Metricbeat needs only 60MB of memory, which is half of what Filebeat needs. Interestingly it has the same CPU spikes as Filebeat. It can be said, that Metricbeat consumes as much CPU as Filebeat.
Up- and downsides of Filebeat
The huge advantage of Filebeat is its flexibility: there are almost no limits. And if I/O to disk is an issue, Filebeat can read from network addresses. With the processors, Filebeat gives a very powerful tool to transform data and enrich them before ingestion. With the backpressure-sensitive protocol, Filebeat has a safety mechanism implemented, that prevents your cluster from overloading. And Filebeat will not lose a single log record, even if Filebeat is not running temporarily.
Last but not least: in case something is going wrong, you have the log files locally. It can be a blessing and a curse. If your Elasticsearch cluster is not reachable, you can analyze your logs with grep and other tools. On the other hand, you need to manage your logs.
However: Filebeat is event-driven. If the logger daemon is stopped and no new data comes in, Filebeat will not care. The logger daemon will add up CPU and memory consumption. If resources are sparse or your logger daemon fires an extensive amount of requests, you might want to write the daemon in Go, C++, or at least Perl or Python, rather than Bash.
Up- and downsides of Metricbeat
The upside of Metricbeat seems obvious: it needs only half of the memory as Filebeat. Metricbeat will send every 10 seconds a report to Elasticsearch even if nothing has happened. With knowledge in Go, shippers with a very low memory footprint and almost endless possibilities can be created.
The downside is, that Metricbeat modules and metricsets are highly specialized, with specific fields and datatypes. You might be capable of creating a somehow generic module, but flexibility is not a strength of Metricbeat, and at a certain point you will be forced to create another module or metricset for an additional type of metric – and this will come with a price tag that is for sure bigger than measuring with a self-written daemon that sends data to Filebeat or Logstash.
As long as you are happy with the 73 modules that are provided with Metricbeat 8.1.2, you have a great tool for monitoring the most popular applications. And so far, the modules I came across are pretty straightforward to configure. Usually, Kibana dashboards are delivered for each module.
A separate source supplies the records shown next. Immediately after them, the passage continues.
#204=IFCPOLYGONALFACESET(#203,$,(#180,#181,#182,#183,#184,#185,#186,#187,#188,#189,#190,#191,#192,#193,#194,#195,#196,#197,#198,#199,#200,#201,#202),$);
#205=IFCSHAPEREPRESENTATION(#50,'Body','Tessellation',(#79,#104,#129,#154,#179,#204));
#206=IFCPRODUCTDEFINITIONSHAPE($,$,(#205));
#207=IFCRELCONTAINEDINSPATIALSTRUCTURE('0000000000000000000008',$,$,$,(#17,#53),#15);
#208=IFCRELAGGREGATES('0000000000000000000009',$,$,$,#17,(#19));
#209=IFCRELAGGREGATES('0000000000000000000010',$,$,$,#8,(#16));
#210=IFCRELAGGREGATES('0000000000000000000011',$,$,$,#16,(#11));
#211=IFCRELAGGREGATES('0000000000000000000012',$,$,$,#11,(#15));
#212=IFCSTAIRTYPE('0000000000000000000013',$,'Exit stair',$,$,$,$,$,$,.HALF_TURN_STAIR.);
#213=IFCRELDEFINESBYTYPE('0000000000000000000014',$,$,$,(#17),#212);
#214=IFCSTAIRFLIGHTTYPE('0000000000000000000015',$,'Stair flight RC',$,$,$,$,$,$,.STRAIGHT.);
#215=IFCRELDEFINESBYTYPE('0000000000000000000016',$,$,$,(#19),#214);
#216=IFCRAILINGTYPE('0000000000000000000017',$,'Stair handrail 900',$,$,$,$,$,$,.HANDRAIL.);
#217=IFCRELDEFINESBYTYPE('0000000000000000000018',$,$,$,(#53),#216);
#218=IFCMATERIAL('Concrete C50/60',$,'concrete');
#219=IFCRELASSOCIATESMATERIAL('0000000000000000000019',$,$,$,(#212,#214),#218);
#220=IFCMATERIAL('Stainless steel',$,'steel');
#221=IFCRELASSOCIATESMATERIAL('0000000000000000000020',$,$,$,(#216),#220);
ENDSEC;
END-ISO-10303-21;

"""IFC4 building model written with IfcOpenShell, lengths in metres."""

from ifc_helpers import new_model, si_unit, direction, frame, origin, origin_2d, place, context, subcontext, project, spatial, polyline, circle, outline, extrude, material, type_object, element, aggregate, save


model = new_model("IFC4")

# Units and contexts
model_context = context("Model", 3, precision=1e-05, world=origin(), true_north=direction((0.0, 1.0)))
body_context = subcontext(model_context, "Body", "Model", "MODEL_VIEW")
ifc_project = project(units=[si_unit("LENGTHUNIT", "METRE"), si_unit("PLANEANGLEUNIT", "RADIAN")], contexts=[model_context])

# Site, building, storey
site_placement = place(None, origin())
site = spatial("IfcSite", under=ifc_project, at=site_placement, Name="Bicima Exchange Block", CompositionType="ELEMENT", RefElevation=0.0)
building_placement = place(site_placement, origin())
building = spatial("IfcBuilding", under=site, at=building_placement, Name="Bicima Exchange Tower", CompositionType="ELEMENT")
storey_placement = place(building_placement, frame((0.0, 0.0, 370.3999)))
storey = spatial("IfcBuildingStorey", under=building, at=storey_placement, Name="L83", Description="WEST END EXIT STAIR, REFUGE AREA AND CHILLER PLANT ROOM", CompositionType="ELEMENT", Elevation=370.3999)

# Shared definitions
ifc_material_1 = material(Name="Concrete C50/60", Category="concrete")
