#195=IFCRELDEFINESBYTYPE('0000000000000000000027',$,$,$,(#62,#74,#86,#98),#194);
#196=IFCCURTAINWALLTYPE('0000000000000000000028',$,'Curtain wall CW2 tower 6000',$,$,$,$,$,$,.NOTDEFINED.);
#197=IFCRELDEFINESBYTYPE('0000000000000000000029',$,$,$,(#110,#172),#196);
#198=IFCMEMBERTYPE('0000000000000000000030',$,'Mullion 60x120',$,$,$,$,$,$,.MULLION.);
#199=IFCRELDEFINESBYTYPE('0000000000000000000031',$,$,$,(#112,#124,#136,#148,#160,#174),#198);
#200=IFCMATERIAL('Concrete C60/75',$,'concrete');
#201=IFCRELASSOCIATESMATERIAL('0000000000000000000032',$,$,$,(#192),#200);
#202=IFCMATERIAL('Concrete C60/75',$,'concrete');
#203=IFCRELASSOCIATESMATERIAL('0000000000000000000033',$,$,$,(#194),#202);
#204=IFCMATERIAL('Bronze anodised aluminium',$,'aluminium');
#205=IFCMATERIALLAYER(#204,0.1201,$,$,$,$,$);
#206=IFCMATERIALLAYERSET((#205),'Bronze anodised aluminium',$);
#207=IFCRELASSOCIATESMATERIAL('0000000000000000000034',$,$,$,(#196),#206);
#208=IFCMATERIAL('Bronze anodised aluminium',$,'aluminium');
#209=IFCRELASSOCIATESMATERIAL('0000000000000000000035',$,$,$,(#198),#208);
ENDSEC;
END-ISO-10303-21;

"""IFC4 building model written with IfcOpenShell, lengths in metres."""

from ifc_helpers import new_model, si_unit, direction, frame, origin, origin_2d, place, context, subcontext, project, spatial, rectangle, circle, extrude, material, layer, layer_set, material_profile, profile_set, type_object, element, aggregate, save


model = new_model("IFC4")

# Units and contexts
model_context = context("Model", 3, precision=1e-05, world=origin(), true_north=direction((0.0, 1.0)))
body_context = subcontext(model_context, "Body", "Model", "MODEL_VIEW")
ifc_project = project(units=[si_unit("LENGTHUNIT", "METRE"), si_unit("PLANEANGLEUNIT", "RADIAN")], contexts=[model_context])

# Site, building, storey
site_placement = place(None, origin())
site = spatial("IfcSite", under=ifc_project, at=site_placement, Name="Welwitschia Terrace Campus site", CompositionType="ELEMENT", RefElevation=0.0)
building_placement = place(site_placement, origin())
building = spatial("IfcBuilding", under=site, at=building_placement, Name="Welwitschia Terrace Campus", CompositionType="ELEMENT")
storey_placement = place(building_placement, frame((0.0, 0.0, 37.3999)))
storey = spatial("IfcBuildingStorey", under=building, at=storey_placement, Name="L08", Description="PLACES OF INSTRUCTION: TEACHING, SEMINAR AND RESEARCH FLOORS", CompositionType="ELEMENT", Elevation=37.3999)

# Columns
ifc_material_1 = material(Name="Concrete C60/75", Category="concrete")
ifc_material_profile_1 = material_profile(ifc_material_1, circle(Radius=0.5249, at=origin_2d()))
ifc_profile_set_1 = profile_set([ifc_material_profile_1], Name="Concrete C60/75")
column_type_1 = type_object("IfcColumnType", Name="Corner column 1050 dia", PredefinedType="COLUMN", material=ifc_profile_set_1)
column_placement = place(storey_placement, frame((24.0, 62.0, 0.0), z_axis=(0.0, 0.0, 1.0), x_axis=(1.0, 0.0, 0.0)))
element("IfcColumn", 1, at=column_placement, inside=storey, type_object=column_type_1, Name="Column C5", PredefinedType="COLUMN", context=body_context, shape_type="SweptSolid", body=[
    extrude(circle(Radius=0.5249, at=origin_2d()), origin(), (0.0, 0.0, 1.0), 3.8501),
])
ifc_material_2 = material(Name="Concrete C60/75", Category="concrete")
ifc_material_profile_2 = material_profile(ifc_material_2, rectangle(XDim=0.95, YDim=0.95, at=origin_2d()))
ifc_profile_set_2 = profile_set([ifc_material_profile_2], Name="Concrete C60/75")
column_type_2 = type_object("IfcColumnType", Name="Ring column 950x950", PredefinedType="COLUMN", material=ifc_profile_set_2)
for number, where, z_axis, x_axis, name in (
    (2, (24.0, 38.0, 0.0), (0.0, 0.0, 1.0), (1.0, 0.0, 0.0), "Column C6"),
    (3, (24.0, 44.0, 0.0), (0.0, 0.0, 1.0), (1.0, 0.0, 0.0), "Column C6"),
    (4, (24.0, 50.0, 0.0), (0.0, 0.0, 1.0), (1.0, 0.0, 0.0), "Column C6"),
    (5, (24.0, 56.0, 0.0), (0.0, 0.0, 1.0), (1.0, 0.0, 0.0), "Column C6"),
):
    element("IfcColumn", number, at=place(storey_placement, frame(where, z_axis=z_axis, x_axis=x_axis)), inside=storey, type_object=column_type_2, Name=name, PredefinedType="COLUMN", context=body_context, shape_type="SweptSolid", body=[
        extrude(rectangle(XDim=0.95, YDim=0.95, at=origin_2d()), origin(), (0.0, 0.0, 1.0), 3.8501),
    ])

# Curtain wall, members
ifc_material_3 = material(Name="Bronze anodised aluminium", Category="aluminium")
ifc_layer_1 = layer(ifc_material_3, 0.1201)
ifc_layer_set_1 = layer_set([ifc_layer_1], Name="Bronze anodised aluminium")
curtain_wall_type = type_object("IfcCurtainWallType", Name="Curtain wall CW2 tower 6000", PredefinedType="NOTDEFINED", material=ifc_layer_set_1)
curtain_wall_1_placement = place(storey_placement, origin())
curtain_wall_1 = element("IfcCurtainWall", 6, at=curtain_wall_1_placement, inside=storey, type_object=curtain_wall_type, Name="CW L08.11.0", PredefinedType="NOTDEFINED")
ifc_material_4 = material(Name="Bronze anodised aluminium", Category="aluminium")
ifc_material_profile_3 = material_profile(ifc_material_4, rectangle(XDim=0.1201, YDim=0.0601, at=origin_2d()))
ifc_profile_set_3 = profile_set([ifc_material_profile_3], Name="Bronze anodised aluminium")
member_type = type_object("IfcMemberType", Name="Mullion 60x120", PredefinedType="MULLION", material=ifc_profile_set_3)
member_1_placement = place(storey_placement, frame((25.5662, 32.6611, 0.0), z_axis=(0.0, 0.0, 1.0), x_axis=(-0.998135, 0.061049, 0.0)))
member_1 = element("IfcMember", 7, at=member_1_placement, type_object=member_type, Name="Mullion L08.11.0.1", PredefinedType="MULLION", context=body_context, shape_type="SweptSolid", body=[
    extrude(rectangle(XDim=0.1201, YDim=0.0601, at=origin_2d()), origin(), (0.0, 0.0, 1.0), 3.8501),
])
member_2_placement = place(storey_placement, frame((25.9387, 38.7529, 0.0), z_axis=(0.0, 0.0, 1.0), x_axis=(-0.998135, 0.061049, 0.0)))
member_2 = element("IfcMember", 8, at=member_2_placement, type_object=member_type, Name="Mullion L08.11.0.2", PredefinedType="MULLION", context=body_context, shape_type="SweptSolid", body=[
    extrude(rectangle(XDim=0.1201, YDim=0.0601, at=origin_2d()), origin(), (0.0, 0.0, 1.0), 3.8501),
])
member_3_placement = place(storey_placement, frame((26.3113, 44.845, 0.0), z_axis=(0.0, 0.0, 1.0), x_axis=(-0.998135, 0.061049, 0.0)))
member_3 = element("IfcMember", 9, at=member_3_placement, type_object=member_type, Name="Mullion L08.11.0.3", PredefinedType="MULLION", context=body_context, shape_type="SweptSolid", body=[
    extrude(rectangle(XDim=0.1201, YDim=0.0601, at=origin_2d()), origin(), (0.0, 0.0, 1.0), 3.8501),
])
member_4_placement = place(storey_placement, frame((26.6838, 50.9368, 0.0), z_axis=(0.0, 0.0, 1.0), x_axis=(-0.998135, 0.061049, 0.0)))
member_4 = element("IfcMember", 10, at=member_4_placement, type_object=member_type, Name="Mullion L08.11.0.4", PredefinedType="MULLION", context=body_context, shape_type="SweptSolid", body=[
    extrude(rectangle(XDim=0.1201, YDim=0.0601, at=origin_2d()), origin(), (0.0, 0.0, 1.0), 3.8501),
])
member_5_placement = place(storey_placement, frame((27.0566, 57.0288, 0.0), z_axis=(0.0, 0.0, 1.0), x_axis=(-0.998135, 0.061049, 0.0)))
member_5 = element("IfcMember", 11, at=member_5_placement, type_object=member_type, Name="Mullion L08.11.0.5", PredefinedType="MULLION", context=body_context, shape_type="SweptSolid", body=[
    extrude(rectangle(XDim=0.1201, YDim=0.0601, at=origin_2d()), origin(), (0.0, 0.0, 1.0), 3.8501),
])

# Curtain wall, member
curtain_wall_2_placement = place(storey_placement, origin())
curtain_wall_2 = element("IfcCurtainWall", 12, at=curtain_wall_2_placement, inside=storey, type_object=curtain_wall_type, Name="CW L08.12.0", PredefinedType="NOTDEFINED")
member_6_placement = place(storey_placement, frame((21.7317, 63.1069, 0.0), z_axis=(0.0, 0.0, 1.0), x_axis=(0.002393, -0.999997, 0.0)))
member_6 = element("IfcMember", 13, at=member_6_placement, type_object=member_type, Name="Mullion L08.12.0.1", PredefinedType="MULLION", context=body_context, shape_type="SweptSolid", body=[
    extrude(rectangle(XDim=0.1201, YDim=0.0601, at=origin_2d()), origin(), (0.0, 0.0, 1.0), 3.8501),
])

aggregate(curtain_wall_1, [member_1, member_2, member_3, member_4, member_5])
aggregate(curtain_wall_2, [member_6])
If you have an IoT device with limited memory, and storage, that should run a strictly limited amount of processes, and the metrics are defined upfront – then custom metricsets are probably the way to go.
Filebeat on the other hand, in combination with a logger daemon, gives you great flexibility and the ability to extend your monitoring framework quite easily. Filebeat is still an event-driven tool, but your logger makes sure, that the events are based on logged metrics. This is great in a dynamic environment where new requirements for monitoring are coming in constantly.
So in the end, it really depends, on where your priorities are. Flexibility versus performance. In a world where delivery times are crucial, I would go in most cases for Filebeat when it comes to metrics outside the ones you find in the standard installation.